Example 3: Technical documentation improvement

User: Our tech writers corrected 40 API docs. Extract patterns and build
a system to improve new drafts automatically.

Approach:
1. Diff the 40 pairs. Error types: "missing parameter description" (14),
   "ambiguous return type" (10), "no error code documentation" (8),
   "inconsistent formatting" (5), "missing example" (3).

2. Distill experiences, merge, produce Tips and Strategies.
   - Tip (missing parameter): "Every parameter must have: name, type,
     required/optional, default value if optional, and a one-sentence
     description. Check against the function signature."
   - Strategy (detection): "Validate completeness before style. Missing
     information is more harmful than imperfect wording."

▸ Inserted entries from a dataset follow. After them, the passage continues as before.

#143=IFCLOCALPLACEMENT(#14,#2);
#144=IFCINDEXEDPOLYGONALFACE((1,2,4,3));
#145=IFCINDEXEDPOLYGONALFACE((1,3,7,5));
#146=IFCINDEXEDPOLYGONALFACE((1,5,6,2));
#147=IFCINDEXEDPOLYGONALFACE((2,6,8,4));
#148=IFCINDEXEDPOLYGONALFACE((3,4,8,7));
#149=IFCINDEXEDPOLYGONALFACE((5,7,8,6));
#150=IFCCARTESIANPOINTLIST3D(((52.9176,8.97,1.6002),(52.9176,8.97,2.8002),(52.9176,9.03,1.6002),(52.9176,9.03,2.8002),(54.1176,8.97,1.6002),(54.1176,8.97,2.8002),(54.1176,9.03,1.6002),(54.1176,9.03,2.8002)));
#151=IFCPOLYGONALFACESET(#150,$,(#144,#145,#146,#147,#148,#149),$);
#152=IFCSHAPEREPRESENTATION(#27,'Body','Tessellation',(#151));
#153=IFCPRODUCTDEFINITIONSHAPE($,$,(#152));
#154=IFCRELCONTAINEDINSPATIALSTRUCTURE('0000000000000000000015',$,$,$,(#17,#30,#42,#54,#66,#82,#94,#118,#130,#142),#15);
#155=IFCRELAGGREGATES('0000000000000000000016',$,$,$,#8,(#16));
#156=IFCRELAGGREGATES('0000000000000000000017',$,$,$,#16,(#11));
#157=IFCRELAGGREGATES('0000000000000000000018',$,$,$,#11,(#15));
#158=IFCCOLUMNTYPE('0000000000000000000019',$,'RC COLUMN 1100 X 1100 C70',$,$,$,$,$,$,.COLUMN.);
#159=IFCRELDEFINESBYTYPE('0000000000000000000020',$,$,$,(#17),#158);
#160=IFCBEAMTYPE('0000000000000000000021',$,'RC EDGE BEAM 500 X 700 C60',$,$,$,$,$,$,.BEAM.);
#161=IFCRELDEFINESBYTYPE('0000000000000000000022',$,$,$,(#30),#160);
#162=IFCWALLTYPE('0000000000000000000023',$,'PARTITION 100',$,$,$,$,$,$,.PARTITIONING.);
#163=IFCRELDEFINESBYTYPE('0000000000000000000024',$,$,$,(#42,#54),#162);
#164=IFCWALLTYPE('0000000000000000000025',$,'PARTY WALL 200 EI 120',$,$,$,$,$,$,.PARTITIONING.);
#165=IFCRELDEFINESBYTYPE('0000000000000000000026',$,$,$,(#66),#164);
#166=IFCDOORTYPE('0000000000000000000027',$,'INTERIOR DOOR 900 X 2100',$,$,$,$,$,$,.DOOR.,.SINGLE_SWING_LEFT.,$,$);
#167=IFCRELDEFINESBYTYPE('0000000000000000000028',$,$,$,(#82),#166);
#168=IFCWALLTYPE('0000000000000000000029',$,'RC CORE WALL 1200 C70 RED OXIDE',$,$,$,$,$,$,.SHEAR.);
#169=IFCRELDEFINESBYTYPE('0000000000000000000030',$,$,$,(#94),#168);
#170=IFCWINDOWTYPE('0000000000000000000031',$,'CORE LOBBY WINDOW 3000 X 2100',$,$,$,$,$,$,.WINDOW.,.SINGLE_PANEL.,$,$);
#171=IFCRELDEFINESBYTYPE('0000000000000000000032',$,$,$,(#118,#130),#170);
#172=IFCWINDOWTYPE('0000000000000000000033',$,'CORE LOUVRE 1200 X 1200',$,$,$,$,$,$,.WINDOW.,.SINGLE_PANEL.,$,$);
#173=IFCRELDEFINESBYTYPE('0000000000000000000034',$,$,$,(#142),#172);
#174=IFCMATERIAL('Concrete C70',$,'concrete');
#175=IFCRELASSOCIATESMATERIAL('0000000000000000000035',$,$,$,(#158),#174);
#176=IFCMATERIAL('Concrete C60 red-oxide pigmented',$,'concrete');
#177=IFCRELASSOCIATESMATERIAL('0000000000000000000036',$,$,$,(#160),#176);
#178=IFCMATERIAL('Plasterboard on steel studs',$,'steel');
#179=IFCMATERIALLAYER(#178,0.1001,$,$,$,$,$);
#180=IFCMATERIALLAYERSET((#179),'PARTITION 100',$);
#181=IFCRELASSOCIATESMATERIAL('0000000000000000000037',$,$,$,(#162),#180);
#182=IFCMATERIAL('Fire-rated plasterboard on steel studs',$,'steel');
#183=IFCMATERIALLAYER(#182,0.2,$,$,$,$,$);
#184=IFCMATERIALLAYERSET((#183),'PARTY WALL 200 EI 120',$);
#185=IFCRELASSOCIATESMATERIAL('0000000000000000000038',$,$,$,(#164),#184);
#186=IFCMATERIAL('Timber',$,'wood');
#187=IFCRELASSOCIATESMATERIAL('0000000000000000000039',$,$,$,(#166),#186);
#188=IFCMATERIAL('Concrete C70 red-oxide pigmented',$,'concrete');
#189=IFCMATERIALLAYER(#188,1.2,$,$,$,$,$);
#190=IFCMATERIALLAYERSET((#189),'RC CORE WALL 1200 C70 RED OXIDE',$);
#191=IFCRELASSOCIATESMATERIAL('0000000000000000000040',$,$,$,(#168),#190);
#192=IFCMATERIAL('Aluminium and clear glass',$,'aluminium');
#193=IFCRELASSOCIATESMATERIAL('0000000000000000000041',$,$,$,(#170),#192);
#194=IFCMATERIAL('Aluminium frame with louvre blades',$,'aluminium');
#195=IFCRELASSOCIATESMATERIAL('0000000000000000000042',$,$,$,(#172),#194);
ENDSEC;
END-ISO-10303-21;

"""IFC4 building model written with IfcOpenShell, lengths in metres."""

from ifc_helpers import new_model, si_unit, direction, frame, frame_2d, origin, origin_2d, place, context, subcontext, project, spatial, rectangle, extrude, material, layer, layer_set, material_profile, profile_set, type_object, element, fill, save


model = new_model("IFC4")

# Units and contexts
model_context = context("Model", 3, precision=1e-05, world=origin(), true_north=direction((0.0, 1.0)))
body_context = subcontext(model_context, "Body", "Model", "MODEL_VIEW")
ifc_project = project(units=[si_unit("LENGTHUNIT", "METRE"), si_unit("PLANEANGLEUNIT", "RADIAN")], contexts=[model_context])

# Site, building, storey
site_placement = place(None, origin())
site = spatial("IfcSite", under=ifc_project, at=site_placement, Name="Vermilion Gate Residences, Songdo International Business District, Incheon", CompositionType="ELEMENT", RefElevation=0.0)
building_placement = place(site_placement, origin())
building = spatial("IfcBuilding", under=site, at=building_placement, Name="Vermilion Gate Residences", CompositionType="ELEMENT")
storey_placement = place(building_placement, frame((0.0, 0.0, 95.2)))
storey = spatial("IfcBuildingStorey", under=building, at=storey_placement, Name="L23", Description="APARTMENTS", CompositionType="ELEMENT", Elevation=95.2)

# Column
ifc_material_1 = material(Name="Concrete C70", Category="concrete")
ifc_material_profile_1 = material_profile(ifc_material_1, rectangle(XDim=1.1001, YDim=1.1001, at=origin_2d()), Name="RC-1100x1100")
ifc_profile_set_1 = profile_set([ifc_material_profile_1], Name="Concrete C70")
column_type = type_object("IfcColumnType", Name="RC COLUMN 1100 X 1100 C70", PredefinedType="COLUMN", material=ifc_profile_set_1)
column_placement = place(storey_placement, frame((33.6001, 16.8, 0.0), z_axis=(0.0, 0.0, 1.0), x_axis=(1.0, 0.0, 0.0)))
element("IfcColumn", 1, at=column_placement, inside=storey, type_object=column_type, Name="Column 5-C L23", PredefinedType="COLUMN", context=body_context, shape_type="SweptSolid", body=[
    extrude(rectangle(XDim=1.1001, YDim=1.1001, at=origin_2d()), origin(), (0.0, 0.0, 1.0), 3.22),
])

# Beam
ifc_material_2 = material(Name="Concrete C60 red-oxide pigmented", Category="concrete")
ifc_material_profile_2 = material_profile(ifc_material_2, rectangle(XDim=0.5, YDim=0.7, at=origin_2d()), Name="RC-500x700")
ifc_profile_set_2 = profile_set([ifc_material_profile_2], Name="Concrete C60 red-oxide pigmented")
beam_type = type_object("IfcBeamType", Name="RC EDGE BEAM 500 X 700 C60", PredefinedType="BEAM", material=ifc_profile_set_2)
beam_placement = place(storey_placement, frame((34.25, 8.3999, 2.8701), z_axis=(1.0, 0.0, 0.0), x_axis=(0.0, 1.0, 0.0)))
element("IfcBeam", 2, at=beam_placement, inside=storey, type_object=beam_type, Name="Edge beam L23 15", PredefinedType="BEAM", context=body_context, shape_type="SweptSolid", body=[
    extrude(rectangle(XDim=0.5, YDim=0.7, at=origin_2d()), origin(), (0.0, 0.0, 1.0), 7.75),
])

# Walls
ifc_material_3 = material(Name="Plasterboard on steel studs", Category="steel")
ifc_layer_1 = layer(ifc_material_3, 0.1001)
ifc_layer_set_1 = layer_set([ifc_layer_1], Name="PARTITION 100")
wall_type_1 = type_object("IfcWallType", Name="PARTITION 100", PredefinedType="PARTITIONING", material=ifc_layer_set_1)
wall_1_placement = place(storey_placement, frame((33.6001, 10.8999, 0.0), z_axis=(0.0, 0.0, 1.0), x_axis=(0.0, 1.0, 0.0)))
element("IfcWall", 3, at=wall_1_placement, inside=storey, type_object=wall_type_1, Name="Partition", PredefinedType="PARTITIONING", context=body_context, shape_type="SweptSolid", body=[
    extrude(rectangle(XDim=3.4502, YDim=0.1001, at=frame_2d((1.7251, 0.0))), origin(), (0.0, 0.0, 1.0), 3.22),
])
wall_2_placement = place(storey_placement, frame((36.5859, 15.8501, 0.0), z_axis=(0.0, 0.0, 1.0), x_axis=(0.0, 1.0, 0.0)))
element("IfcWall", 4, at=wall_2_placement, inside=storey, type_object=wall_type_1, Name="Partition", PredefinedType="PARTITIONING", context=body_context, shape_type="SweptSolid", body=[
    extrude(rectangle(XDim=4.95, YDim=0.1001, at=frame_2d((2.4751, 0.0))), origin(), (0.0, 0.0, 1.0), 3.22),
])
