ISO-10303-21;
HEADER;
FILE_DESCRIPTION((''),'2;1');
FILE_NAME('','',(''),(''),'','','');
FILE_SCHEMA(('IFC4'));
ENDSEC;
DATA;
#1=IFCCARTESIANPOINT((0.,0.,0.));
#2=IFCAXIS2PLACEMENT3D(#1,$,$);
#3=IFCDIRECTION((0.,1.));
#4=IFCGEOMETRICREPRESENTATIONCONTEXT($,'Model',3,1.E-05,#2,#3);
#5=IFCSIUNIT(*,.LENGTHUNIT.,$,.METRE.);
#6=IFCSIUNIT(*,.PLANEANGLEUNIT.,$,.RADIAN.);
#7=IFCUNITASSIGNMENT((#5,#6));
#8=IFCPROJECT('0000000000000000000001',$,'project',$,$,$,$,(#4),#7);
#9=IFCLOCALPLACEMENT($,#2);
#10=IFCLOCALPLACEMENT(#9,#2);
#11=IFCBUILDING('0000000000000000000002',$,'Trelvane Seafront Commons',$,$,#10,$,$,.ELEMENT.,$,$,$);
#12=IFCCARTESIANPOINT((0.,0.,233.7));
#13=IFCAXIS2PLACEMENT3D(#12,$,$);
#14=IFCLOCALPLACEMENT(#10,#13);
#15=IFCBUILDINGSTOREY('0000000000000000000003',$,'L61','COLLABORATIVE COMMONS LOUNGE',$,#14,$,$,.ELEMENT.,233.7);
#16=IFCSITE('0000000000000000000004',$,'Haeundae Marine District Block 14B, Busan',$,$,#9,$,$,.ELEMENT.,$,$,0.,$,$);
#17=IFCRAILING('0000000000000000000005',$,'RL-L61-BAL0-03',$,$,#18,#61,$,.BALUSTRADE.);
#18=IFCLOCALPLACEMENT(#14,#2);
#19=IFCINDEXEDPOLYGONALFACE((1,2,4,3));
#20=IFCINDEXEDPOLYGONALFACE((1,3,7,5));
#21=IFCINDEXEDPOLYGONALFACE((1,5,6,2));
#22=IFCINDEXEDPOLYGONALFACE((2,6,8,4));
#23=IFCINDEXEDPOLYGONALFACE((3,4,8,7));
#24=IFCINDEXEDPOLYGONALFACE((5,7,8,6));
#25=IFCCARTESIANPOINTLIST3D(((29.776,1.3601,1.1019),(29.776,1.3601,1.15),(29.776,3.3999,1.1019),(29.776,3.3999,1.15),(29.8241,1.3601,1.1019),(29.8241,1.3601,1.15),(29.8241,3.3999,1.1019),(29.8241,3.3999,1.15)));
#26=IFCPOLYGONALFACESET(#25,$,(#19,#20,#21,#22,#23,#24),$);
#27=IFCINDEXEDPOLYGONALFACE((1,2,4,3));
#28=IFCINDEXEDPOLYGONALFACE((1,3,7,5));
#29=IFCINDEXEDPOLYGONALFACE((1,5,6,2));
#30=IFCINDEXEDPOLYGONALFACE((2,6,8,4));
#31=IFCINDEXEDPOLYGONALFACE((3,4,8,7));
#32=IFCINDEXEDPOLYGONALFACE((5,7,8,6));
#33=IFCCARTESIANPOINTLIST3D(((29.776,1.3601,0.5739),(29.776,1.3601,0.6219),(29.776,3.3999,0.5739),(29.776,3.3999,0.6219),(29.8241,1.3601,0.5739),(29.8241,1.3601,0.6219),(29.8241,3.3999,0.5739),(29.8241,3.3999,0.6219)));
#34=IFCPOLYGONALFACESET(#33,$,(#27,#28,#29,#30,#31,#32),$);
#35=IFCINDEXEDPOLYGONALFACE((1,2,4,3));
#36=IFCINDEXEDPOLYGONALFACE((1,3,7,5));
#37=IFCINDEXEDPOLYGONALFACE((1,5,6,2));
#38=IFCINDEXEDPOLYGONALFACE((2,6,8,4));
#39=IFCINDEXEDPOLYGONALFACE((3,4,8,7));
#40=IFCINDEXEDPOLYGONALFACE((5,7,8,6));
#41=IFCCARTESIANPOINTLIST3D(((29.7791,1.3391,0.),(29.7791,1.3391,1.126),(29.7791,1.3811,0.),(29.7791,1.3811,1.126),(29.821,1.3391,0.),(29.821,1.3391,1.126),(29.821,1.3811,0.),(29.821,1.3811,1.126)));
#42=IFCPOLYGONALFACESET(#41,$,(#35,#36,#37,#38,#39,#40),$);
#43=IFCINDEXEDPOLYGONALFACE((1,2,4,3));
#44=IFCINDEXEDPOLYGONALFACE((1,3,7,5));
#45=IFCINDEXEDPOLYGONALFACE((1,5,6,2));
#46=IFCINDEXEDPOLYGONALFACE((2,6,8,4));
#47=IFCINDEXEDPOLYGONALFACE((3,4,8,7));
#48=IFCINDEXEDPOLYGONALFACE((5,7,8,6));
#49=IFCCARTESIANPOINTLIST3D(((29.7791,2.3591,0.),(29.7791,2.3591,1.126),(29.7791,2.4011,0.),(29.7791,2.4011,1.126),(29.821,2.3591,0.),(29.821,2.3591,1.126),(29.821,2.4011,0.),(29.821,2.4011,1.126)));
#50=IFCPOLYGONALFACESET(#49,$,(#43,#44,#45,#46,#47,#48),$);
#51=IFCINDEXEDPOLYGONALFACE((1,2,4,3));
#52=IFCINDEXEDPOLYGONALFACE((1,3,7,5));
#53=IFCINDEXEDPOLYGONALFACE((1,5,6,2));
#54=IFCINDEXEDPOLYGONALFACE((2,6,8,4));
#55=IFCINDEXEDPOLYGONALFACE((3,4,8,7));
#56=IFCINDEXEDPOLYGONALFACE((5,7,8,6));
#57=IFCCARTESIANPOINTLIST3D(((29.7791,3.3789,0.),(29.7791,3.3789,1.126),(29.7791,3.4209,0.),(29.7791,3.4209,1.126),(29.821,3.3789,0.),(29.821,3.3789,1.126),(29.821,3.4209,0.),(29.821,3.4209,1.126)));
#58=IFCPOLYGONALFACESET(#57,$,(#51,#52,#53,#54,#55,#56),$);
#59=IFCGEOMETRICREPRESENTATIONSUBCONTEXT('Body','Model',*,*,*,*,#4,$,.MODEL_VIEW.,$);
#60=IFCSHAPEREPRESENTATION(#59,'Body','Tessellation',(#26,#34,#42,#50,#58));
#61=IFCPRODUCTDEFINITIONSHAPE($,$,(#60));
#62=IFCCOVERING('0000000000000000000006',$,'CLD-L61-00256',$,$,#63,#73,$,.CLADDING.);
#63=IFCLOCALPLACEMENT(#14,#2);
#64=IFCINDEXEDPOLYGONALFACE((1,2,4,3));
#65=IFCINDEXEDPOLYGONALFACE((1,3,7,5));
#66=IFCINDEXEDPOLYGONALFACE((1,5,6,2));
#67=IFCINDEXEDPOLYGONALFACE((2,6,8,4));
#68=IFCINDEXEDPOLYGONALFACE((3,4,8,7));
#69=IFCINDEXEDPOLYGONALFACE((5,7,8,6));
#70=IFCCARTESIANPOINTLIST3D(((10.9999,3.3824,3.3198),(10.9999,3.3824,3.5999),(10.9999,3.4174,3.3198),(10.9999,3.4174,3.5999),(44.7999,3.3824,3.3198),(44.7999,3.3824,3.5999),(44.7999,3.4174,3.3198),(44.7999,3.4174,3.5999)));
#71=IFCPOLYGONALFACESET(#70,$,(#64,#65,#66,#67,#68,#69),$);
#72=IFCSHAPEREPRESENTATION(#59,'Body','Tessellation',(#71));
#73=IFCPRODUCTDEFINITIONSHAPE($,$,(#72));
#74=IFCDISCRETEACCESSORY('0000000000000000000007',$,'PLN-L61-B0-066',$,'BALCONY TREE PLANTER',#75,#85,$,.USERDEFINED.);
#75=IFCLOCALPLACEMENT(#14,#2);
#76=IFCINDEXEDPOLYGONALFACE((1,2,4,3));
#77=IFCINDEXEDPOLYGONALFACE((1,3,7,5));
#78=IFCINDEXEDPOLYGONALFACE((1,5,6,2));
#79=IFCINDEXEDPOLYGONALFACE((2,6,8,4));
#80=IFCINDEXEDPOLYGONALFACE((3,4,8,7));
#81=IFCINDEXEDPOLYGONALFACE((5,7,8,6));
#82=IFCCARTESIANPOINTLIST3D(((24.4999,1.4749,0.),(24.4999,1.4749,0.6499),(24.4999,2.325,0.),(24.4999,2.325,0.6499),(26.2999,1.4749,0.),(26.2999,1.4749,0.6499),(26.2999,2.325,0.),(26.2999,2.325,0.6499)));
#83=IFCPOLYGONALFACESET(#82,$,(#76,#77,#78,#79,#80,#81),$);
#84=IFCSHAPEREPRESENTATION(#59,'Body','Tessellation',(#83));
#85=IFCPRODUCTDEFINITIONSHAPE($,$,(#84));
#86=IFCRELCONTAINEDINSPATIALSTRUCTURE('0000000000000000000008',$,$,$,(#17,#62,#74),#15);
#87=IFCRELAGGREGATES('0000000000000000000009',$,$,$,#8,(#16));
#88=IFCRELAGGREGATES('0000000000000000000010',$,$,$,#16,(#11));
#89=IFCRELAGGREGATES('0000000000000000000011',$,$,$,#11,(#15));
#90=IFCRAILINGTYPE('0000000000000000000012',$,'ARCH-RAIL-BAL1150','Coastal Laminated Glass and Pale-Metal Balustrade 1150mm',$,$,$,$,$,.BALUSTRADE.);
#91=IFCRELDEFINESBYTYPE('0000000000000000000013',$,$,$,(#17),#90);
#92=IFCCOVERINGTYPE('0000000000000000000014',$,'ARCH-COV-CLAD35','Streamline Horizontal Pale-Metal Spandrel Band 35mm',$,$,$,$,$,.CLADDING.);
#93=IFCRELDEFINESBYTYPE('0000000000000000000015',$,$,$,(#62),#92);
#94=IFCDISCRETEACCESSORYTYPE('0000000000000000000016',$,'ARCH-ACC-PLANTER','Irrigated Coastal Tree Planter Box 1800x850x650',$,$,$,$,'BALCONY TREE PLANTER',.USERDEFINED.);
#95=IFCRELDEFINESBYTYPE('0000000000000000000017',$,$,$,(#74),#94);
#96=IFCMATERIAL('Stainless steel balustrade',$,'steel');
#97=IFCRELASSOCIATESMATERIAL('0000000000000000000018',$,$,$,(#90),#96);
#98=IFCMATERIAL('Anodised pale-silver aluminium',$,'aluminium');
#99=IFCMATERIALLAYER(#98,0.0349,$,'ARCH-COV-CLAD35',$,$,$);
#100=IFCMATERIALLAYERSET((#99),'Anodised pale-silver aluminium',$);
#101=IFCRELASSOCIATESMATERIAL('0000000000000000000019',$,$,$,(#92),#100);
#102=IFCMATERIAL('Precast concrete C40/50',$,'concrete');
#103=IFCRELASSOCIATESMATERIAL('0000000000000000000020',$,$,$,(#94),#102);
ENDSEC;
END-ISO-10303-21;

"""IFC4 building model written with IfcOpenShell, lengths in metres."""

from ifc_helpers import new_model, si_unit, direction, frame, origin, origin_2d, place, context, subcontext, project, spatial, rectangle, extrude, source, transform, mapped, material, layer, layer_set, type_object, element, save


model = new_model("IFC4")

# Units and contexts
model_context = context("Model", 3, precision=1e-05, world=origin(), true_north=direction((0.0, 1.0)))
body_context = subcontext(model_context, "Body", "Model", "MODEL_VIEW")
ifc_project = project(units=[si_unit("LENGTHUNIT", "METRE"), si_unit("PLANEANGLEUNIT", "RADIAN")], contexts=[model_context])

# Site, building, storey
site_placement = place(None, origin())
site = spatial("IfcSite", under=ifc_project, at=site_placement, Name="Haeundae Marine District Block 14B, Busan", CompositionType="ELEMENT", RefElevation=0.0)
building_placement = place(site_placement, origin())
building = spatial("IfcBuilding", under=site, at=building_placement, Name="Trelvane Seafront Commons", CompositionType="ELEMENT")
storey_placement = place(building_placement, frame((0.0, 0.0, 233.7)))
storey = spatial("IfcBuildingStorey", under=building, at=storey_placement, Name="L61", Description="COLLABORATIVE COMMONS LOUNGE", CompositionType="ELEMENT", Elevation=233.7)

# Shared definitions
ifc_material_1 = material(Name="Anodised pale-silver aluminium", Category="aluminium")

# Railing
ifc_material_2 = material(Name="Stainless steel balustrade", Category="steel")
railing_type = type_object("IfcRailingType", Name="ARCH-RAIL-BAL1150", Description="Coastal Laminated Glass and Pale-Metal Balustrade 1150mm", PredefinedType="BALUSTRADE", material=ifc_material_2)
railing_1_placement = place(storey_placement, frame((29.8, 1.3601, 0.0)))
element("IfcRailing", 1, at=railing_1_placement, inside=storey, type_object=railing_type, Name="RL-L61-BAL0-03", PredefinedType="BALUSTRADE", context=body_context, shape_type="SweptSolid", body=[
    extrude(rectangle(XDim=0.0481, YDim=0.0481, at=origin_2d()), frame((0.0, 0.0, 1.126), z_axis=(0.0, 1.0, 0.0), x_axis=(-1.0, 0.0, 0.0)), (0.0, 0.0, 1.0), 2.0398),
    extrude(rectangle(XDim=0.0481, YDim=0.0481, at=origin_2d()), frame((0.0, 0.0, 0.5979), z_axis=(0.0, 1.0, 0.0), x_axis=(-1.0, 0.0, 0.0)), (0.0, 0.0, 1.0), 2.0398),
    extrude(rectangle(XDim=0.042, YDim=0.042, at=origin_2d()), origin(), (0.0, 0.0, 1.0), 1.126),
    extrude(rectangle(XDim=0.042, YDim=0.042, at=origin_2d()), frame((0.0, 1.02, 0.0)), (0.0, 0.0, 1.0), 1.126),
    extrude(rectangle(XDim=0.042, YDim=0.042, at=origin_2d()), frame((0.0, 2.0398, 0.0)), (0.0, 0.0, 1.0), 1.126),
])

# Covering
ifc_layer_1 = layer(ifc_material_1, 0.0349, Name="ARCH-COV-CLAD35")
ifc_layer_set_1 = layer_set([ifc_layer_1], Name="Anodised pale-silver aluminium")
covering_type = type_object("IfcCoveringType", Name="ARCH-COV-CLAD35", Description="Streamline Horizontal Pale-Metal Spandrel Band 35mm", PredefinedType="CLADDING", material=ifc_layer_set_1)
shared_shape_1 = source(origin(), body_context, "Body", "SweptSolid", [
    extrude(rectangle(XDim=33.8, YDim=0.0349, at=origin_2d()), origin(), (0.0, 0.0, 1.0), 0.28),
])
covering_placement = place(storey_placement, frame((27.8999, 3.3999, 3.3198), z_axis=(0.0, 0.0, 1.0), x_axis=(-1.0, 0.0, 0.0)))
element("IfcCovering", 2, at=covering_placement, inside=storey, type_object=covering_type, Name="CLD-L61-00256", PredefinedType="CLADDING", context=body_context, shape_type="MappedRepresentation", body=[
    mapped(shared_shape_1, transform((0.0, 0.0, 0.0), x_axis=(1.0, 0.0, 0.0), y_axis=(0.0, 1.0, 0.0), z_axis=(0.0, 0.0, 1.0), scale=1.0)),
])

# Discrete accessory
ifc_material_3 = material(Name="Precast concrete C40/50", Category="concrete")
discrete_accessory_type = type_object("IfcDiscreteAccessoryType", Name="ARCH-ACC-PLANTER", Description="Irrigated Coastal Tree Planter Box 1800x850x650", ElementType="BALCONY TREE PLANTER", PredefinedType="USERDEFINED", material=ifc_material_3)
shared_shape_2 = source(origin(), body_context, "Body", "SweptSolid", [
    extrude(rectangle(XDim=1.8, YDim=0.8501, at=origin_2d()), origin(), (0.0, 0.0, 1.0), 0.6499),
])
discrete_accessory_placement = place(storey_placement, frame((25.3999, 1.8999, 0.0), z_axis=(0.0, 0.0, 1.0), x_axis=(1.0, 0.0, 0.0)))
element("IfcDiscreteAccessory", 3, at=discrete_accessory_placement, inside=storey, type_object=discrete_accessory_type, Name="PLN-L61-B0-066", ObjectType="BALCONY TREE PLANTER", PredefinedType="USERDEFINED", context=body_context, shape_type="MappedRepresentation", body=[
    mapped(shared_shape_2, transform((0.0, 0.0, 0.0), x_axis=(1.0, 0.0, 0.0), y_axis=(0.0, 1.0, 0.0), z_axis=(0.0, 0.0, 1.0), scale=1.0)),
])

save(model, "model.ifc")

3. Run pipeline on new API doc drafts. Detection Agent finds gaps,
   Revision Agent fills them using Tips, Self-Critique validates.

Best Practices

Do: Keep Tips concrete and error-specific (50-100 words). Vague tips like "write better" are useless. Each Tip should specify what to look for and exactly how to fix it.
Do: Set a frequency threshold for Tip generation. Errors appearing in fewer than 10% of examples may be noise rather than patterns. The τe hyperparameter controls this.
Do: Limit injected Tips to 5 per revision invocation (τt=5). More Tips degrade performance by overwhelming the context window with competing instructions.
Do: Keep the Self-Critique loop to a maximum of 3 iterations. Diminishing returns set in quickly, and infinite loops waste tokens.
Avoid: Injecting all Tips regardless of detected error type. The Detection Agent's classifications should gate which Tips the Revision Agent receives.
Avoid: Skipping the hierarchical merging step. Raw experience units contain too much redundancy and noise to use directly as Tips. The tree-merging (groups of 4) is essential for consolidation.
Avoid: Using this framework when you have thousands of examples — at that scale, fine-tuning or standard RAG may be more cost-effective. ExperienceWeaver's advantage is specifically in the 10-200 example range.

Error Handling

Too few examples (<10): The distillation step may not find enough patterns to generalize. Fall back to direct few-shot prompting with the available pairs until more data is collected.
Overly heterogeneous error types: If each example has a unique error type with no repetition, the merging step produces no consolidation. Lower the frequency threshold or use broader error categories.
Self-Critique loop never converges: If the critique agent consistently scores below 0.6 after 3 iterations, the Tips may be contradictory or the task may be beyond single-pass correction. Log the failing cases and use them to refine Tips manually.
Context window overflow: With many error types detected simultaneously, injecting Tips for all of them can exceed context limits. The τt parameter (max 5 Tips) prevents this — prioritize Tips for the most frequent or severe error types.
Domain drift: Tips distilled from one document type (e.g., radiology reports) won't transfer to another (e.g., discharge summaries). Maintain separate experience libraries per domain.

Limitations

Requires at least some corrected examples — cannot bootstrap from zero feedback. If no correction pairs exist, this framework cannot help.
The quality ceiling is set by the quality of the input corrections. If expert feedback is inconsistent or wrong, the distilled Tips will inherit those flaws.
Works best for text domains with recurring, classifiable error patterns. Creative writing or highly variable content may not exhibit the regularity needed for Tip distillation.
The three-agent pipeline adds latency (3+ LLM calls per input). For high-throughput batch processing, consider distilling the Tips and Strategies into a single comprehensive system prompt instead of running the full agentic loop.
Performance gains diminish on text that is already high quality. The framework's strength is correcting systematic errors, not polishing near-perfect prose.

Reference

Paper: ExperienceWeaver: Optimizing Small-sample Experience Learning for LLM-based Clinical Text Improvement — Xiao et al., 2026. Focus on Section 3 (framework architecture), Section 3.2 (hierarchical experience distillation), and Section 3.3 (agentic pipeline design) for implementation details. Table 2 shows performance gains across datasets; Table 4 details the hyperparameter sensitivity analysis for NG, τe, and τt.